Letter From New Orleans

At 6:00 am on Mardi Gras day, two bonesmen from the Northside Skull and Bones Gang, a masked Mardi Gras group with intentions to scare, met in the Treme, north of the French Quarter, with a drum corps to wake up the neighborhood. As the rowdy music lured residents outside, the leader of the Bonesmen led the growing crowd to the front of St. Augustine's church. The face of the stocky African American head Bonesman was blackened then traced skeletal in white paint; he wore a smock around his waist that read “Come to Hell with Me.” In the traditional masked ceremony, the gang, and their civilian followers, enticed the Big Chief to come out of the church in the heart of the neighborhood. In a suit of feathers befitting Treme's most important Mardi Gras Indian, the Big Chief, one of many African Americans dressed for Mardi Gras to honor indigenous peoples of the region, emerged on the front step of the church as the band quieted. It was from this spot the Chief delivered an invocation layered with code phrases, and the reminder that in the midst of a hurricane, "it was I who made the sun shine."

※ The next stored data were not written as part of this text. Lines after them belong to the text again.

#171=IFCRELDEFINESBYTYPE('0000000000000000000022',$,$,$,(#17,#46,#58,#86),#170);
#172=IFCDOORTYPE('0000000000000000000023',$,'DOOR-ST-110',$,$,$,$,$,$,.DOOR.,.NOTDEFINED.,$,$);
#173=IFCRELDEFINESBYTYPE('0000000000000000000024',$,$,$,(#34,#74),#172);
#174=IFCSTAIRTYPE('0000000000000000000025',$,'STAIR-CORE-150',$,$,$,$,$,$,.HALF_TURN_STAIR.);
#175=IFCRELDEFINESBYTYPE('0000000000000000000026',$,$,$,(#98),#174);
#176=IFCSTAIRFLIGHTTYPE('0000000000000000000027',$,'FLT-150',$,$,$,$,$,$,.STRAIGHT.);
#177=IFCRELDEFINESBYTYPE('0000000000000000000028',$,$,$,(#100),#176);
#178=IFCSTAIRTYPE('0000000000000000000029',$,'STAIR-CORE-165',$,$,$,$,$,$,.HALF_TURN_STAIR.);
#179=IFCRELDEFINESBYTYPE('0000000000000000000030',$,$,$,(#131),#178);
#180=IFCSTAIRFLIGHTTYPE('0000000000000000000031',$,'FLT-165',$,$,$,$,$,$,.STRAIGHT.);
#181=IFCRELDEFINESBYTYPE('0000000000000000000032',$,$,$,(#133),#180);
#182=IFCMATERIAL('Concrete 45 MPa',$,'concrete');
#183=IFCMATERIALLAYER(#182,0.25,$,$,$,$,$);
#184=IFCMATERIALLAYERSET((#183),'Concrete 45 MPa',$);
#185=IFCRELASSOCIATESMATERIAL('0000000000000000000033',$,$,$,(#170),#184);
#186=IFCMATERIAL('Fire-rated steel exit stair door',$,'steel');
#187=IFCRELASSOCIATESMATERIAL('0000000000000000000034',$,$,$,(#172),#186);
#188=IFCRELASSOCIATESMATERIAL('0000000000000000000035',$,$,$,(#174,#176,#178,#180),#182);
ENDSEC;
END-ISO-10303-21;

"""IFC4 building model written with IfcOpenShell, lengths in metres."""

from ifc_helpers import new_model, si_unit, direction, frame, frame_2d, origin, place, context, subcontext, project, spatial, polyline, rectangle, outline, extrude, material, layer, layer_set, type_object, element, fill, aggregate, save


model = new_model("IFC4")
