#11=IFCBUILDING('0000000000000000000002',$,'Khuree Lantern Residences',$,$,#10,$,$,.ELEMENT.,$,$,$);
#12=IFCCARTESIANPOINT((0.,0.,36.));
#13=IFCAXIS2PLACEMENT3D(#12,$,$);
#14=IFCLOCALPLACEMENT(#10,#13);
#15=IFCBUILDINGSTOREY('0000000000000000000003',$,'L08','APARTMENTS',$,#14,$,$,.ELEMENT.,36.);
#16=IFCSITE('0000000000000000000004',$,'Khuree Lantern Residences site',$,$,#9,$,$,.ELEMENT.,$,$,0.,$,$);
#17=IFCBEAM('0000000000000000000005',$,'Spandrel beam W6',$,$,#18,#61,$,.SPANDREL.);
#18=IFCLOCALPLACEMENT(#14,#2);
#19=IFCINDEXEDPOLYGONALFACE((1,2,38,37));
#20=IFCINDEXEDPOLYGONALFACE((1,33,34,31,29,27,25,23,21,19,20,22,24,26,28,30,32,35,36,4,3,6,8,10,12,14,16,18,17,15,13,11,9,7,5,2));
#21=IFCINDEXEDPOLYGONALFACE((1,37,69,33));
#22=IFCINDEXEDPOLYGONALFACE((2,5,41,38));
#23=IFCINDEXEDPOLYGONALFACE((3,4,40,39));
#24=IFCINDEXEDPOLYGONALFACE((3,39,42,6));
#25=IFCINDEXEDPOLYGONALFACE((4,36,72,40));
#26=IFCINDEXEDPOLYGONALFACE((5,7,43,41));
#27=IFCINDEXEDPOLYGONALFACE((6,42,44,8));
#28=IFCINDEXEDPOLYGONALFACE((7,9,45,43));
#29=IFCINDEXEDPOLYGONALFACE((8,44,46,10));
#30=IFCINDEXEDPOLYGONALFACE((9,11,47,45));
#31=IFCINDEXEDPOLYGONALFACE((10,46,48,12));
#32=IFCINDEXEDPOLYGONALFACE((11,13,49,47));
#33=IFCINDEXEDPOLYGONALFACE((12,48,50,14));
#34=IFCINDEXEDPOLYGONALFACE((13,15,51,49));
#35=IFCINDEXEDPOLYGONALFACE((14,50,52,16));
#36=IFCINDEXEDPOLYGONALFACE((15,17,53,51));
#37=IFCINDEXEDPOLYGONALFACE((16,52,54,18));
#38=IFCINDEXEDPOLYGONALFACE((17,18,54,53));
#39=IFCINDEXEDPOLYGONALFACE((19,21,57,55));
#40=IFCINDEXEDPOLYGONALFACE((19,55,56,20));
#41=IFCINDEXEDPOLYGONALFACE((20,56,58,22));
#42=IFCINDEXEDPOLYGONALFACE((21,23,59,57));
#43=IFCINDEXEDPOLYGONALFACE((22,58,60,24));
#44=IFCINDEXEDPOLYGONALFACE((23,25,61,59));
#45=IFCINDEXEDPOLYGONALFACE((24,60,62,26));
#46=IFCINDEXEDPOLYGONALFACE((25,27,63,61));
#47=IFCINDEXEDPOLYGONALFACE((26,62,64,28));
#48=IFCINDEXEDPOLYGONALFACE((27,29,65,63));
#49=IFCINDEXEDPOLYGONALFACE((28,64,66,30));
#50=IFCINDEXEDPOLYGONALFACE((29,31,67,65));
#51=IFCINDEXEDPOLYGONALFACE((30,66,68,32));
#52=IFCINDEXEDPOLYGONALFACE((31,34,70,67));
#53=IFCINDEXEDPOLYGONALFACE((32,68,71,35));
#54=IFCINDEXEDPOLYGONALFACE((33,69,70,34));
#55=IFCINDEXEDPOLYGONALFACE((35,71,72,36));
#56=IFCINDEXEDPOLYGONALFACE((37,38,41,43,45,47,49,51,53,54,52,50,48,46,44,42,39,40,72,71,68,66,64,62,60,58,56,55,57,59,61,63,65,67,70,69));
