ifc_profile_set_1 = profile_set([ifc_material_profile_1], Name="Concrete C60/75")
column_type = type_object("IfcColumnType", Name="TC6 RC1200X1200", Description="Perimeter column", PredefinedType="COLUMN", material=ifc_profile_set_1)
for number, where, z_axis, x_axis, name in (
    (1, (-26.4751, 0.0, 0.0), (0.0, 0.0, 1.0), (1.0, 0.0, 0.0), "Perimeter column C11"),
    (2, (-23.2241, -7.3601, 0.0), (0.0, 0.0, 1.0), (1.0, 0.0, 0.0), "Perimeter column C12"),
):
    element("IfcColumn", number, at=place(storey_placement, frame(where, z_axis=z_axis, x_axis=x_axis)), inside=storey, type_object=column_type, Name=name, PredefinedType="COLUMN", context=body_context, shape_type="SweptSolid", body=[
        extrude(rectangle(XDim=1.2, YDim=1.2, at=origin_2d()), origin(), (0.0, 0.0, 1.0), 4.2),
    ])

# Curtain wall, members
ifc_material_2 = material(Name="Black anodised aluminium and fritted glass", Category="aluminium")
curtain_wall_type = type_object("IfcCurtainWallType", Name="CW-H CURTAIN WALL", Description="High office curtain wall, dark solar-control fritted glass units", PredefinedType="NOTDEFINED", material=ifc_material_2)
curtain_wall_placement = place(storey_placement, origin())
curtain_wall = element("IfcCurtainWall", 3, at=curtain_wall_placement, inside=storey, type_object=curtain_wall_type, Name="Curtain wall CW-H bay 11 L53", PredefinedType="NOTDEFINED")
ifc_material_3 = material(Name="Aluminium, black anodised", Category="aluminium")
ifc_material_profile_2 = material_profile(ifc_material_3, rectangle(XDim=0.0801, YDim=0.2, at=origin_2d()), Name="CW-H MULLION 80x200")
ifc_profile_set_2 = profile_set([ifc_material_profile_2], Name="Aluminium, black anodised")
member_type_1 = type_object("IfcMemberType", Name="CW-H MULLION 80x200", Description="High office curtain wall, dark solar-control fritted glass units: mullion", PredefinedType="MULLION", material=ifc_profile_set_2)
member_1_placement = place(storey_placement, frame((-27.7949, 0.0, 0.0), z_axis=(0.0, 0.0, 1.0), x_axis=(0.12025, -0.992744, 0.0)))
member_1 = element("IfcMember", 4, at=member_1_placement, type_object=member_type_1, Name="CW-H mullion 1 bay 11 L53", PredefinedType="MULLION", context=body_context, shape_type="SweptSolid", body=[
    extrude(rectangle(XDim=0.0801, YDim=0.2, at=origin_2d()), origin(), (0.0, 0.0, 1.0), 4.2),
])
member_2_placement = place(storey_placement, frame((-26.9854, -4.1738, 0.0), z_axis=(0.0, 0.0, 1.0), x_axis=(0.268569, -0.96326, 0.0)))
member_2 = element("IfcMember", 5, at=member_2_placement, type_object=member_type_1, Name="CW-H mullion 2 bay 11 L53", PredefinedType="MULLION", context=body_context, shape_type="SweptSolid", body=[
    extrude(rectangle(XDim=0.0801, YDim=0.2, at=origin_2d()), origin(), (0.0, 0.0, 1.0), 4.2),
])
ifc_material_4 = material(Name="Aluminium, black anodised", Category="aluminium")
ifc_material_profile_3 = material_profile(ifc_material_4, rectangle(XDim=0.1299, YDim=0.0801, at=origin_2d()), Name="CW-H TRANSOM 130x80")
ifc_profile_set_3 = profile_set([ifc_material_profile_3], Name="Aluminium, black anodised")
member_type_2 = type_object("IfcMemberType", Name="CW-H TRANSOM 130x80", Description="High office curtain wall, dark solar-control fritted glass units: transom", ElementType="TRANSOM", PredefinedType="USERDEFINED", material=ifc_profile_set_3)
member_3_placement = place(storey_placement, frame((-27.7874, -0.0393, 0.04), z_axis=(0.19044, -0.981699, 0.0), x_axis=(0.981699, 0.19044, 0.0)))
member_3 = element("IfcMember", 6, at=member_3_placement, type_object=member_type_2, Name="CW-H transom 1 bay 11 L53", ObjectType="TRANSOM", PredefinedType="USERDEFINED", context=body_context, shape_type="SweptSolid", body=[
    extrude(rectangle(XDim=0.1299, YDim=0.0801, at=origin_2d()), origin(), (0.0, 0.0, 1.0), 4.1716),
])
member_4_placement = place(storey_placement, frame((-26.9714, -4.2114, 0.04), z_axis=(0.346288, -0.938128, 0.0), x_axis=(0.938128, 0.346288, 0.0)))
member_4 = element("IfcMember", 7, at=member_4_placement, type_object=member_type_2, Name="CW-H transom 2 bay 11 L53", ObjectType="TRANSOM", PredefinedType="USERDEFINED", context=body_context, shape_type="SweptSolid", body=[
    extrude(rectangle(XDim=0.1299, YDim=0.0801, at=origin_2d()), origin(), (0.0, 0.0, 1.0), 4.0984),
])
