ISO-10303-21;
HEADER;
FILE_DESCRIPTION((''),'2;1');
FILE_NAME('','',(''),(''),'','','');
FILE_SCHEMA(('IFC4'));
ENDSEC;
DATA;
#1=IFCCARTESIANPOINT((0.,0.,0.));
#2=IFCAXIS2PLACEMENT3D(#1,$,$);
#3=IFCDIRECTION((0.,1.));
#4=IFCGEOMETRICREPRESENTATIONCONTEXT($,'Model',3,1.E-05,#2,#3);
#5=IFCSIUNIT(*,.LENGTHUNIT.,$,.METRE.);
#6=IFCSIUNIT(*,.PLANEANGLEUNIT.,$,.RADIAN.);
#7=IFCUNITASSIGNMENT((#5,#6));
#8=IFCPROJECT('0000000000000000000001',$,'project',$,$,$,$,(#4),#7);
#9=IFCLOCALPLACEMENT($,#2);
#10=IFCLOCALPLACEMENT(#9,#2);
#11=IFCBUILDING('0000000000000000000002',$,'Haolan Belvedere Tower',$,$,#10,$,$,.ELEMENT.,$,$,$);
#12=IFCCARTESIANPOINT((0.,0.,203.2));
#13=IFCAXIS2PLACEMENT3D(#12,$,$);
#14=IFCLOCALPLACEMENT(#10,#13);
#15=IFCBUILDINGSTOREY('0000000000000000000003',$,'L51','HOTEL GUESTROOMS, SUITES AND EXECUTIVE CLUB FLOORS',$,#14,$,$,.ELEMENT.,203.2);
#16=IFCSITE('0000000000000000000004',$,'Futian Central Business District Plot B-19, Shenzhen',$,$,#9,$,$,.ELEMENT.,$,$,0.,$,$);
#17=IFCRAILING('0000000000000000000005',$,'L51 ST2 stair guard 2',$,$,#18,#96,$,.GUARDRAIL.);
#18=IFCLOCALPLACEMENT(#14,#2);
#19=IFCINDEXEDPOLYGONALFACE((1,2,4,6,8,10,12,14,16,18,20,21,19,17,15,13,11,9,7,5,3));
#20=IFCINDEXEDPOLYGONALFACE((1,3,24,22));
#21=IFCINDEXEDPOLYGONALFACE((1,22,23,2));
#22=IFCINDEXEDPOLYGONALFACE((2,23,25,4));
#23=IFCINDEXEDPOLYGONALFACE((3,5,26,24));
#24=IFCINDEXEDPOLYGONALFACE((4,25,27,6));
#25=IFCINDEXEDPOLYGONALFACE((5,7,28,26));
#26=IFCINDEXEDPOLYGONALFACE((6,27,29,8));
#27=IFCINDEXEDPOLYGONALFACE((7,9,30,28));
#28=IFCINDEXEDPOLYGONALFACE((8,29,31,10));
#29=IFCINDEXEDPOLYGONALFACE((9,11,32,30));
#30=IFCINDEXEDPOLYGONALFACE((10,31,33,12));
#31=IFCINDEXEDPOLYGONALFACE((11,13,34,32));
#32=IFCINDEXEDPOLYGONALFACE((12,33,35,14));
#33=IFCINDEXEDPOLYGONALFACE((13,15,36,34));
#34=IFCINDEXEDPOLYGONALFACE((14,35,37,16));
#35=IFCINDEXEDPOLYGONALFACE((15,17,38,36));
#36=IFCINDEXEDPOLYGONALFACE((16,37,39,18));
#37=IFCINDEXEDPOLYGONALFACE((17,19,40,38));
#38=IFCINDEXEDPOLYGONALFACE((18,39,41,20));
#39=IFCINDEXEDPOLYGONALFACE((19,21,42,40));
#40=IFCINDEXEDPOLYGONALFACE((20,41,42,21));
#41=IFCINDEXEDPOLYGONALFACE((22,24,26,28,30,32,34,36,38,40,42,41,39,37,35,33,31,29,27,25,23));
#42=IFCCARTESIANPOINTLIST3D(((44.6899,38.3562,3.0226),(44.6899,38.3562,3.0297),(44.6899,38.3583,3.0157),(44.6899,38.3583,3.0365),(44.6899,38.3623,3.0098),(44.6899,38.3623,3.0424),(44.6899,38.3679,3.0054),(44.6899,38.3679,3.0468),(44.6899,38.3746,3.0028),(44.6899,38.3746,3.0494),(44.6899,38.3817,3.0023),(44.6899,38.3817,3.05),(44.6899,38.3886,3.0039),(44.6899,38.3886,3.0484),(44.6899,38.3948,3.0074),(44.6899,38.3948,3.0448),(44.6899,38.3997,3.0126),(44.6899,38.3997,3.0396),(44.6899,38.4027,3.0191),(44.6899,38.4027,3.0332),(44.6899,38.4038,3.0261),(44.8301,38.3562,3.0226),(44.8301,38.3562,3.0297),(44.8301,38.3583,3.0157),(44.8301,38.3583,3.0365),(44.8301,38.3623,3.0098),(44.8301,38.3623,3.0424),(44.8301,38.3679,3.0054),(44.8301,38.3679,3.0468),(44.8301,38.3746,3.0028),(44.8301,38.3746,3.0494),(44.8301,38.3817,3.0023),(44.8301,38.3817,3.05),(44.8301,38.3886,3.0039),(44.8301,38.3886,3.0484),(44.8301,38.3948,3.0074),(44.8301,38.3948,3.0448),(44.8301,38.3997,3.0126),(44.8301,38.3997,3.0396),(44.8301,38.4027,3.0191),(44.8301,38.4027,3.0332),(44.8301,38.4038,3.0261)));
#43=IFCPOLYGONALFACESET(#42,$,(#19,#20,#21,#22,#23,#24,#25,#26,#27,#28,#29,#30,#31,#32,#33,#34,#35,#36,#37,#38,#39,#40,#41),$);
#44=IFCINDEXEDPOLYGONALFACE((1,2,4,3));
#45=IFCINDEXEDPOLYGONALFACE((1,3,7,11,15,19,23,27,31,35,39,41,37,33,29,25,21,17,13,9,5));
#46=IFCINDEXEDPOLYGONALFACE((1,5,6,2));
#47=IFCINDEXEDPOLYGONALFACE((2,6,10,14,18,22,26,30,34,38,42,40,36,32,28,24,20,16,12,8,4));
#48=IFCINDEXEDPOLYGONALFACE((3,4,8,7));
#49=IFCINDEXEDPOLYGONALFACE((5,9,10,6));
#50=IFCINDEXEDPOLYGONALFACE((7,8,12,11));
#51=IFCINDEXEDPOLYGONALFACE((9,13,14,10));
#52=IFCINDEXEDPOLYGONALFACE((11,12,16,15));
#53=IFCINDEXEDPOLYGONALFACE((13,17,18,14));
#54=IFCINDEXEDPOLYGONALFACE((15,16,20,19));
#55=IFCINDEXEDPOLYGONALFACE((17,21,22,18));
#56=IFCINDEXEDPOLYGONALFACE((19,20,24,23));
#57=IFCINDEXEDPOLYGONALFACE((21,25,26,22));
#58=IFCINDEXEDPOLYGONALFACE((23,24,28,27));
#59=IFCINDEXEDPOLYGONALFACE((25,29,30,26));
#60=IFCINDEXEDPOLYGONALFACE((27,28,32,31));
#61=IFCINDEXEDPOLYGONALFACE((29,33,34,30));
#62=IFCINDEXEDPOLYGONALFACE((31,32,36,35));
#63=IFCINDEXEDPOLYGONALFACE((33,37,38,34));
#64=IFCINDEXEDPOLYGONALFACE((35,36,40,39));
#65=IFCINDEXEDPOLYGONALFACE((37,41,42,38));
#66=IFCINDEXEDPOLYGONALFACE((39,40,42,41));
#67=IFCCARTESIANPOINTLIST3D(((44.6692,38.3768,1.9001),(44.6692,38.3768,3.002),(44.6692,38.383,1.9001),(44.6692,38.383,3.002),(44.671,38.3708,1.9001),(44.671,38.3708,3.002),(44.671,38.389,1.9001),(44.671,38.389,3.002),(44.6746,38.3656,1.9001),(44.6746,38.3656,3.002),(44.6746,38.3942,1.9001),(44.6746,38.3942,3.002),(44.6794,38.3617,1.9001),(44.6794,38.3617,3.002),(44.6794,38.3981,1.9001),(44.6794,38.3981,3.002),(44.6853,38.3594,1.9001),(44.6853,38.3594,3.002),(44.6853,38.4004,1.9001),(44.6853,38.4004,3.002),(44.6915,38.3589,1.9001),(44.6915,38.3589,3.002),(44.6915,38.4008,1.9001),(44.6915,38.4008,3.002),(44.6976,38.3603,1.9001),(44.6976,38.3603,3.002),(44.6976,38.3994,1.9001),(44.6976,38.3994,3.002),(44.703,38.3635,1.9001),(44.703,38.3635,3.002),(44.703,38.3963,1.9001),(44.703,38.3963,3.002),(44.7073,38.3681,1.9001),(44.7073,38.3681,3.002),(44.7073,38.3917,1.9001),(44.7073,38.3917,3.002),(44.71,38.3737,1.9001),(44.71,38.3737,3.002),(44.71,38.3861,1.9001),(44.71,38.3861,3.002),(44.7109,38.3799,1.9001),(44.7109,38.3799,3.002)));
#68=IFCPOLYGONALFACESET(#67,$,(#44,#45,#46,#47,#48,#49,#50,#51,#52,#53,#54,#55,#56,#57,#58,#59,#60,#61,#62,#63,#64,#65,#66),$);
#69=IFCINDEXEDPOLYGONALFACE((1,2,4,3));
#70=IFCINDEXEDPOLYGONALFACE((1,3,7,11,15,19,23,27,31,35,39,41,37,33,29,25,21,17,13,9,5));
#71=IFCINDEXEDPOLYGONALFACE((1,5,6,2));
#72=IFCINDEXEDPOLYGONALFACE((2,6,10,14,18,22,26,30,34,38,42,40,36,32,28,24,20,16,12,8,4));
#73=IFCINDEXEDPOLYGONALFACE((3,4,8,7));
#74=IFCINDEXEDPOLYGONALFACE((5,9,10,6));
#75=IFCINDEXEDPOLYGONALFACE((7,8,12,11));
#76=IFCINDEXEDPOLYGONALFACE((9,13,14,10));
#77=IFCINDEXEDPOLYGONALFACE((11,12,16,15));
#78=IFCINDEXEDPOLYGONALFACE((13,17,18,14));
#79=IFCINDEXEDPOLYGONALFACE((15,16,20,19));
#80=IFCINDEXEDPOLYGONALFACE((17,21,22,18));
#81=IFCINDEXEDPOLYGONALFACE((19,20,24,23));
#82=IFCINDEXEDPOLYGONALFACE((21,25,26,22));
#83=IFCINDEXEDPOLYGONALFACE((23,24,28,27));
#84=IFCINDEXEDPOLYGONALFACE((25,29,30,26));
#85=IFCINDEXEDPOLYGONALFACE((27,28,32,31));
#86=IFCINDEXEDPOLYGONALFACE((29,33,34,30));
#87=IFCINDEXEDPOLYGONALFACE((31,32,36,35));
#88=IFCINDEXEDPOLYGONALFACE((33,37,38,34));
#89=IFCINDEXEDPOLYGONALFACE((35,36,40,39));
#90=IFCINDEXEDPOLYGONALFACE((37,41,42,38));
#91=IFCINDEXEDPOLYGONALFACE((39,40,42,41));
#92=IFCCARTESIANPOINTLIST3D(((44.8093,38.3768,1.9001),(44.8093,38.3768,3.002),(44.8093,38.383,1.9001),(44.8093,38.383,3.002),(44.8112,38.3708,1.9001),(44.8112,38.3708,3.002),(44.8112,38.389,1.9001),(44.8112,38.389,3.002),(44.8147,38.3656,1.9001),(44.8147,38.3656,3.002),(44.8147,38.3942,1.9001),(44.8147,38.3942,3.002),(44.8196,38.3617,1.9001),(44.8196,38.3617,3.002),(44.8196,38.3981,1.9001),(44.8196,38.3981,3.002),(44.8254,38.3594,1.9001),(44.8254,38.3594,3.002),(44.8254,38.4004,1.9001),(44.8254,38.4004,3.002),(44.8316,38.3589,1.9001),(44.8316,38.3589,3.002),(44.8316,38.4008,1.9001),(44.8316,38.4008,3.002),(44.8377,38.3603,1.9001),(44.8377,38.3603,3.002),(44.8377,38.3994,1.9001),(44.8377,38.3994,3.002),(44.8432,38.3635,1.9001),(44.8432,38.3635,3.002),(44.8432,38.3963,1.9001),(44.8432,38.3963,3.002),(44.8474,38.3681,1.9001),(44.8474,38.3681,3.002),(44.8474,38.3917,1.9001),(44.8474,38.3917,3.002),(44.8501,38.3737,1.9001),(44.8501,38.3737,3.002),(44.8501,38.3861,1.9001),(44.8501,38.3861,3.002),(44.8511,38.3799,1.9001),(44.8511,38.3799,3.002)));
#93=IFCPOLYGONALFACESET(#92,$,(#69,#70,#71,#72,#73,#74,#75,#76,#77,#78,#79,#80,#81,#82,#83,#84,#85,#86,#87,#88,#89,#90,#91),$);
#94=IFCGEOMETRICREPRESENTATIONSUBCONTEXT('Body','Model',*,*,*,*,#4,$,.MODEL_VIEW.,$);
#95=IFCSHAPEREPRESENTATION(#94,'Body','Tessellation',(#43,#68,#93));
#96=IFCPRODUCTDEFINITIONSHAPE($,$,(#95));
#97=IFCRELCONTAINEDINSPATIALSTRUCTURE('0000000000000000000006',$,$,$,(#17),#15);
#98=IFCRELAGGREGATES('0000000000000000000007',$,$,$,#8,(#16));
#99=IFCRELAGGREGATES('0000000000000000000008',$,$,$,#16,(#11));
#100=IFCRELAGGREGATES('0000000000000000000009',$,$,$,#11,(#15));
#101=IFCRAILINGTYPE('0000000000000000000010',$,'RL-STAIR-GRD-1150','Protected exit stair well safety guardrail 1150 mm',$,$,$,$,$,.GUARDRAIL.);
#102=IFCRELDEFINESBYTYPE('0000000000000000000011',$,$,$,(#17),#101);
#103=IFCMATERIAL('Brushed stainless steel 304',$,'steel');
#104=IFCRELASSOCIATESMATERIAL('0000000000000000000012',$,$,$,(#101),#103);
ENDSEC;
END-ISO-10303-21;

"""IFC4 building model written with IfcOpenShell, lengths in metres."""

from ifc_helpers import new_model, si_unit, direction, frame, origin, origin_2d, place, context, subcontext, project, spatial, circle, extrude, material, type_object, element, save


model = new_model("IFC4")

# Units and contexts
model_context = context("Model", 3, precision=1e-05, world=origin(), true_north=direction((0.0, 1.0)))
body_context = subcontext(model_context, "Body", "Model", "MODEL_VIEW")
ifc_project = project(units=[si_unit("LENGTHUNIT", "METRE"), si_unit("PLANEANGLEUNIT", "RADIAN")], contexts=[model_context])

# Site, building, storey
site_placement = place(None, origin())
site = spatial("IfcSite", under=ifc_project, at=site_placement, Name="Futian Central Business District Plot B-19, Shenzhen", CompositionType="ELEMENT", RefElevation=0.0)
building_placement = place(site_placement, origin())
building = spatial("IfcBuilding", under=site, at=building_placement, Name="Haolan Belvedere Tower", CompositionType="ELEMENT")
storey_placement = place(building_placement, frame((0.0, 0.0, 203.2)))
storey = spatial("IfcBuildingStorey", under=building, at=storey_placement, Name="L51", Description="HOTEL GUESTROOMS, SUITES AND EXECUTIVE CLUB FLOORS", CompositionType="ELEMENT", Elevation=203.2)

# Railing
ifc_material_1 = material(Name="Brushed stainless steel 304", Category="steel")
railing_type_1 = type_object("IfcRailingType", Name="RL-STAIR-GRD-1150", Description="Protected exit stair well safety guardrail 1150 mm", PredefinedType="GUARDRAIL", material=ifc_material_1)
railing_1_placement = place(storey_placement, frame((44.6899, 38.3799, 1.9001)))
element("IfcRailing", 1, at=railing_1_placement, inside=storey, type_object=railing_type_1, Name="L51 ST2 stair guard 2", PredefinedType="GUARDRAIL", context=body_context, shape_type="SweptSolid", body=[
    extrude(circle(Radius=0.0239, at=origin_2d()), frame((0.0, 0.0, 1.126), z_axis=(1.0, 0.0, 0.0), x_axis=(0.0, 1.0, 0.0)), (0.0, 0.0, 1.0), 0.1401),
    extrude(circle(Radius=0.021, at=origin_2d()), origin(), (0.0, 0.0, 1.0), 1.1018),
    extrude(circle(Radius=0.021, at=origin_2d()), frame((0.1401, 0.0, 0.0)), (0.0, 0.0, 1.0), 1.1018),
])

save(model, "model.ifc")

The band struck up again, and Big Chief and the Bonesman traded playful, if not melancholy, insults. “Ashes to ashes, and dust to dust. You better straighten up before you see us. Skull and bone gang – you're a dead man waaaalkinng!” Bones shouted, smiling, to the Chief, over the drums. “You're a dead man walking.”

Six months after Hurricane Katrina slammed into New Orleans, on the dawn of the city's famed bacchanal, these chants could be taken literally. New Orleans is now a place marked by absence: the absence of the 1,100 who died because of the storm and negligent government response; and the absence of those thousands of residents – whole families, entire neighborhoods – who remain scattered in towns across the country. Many of the city’s wards are bereft of activity, sodden with the physical wreckage of the storm; these areas could be permanently underwater depending on final reconstruction plans. Who returns and who gets to rebuild is unknown, but the contours of the future were visible on the first Mardis Gras after the devastating 2005 hurricane season.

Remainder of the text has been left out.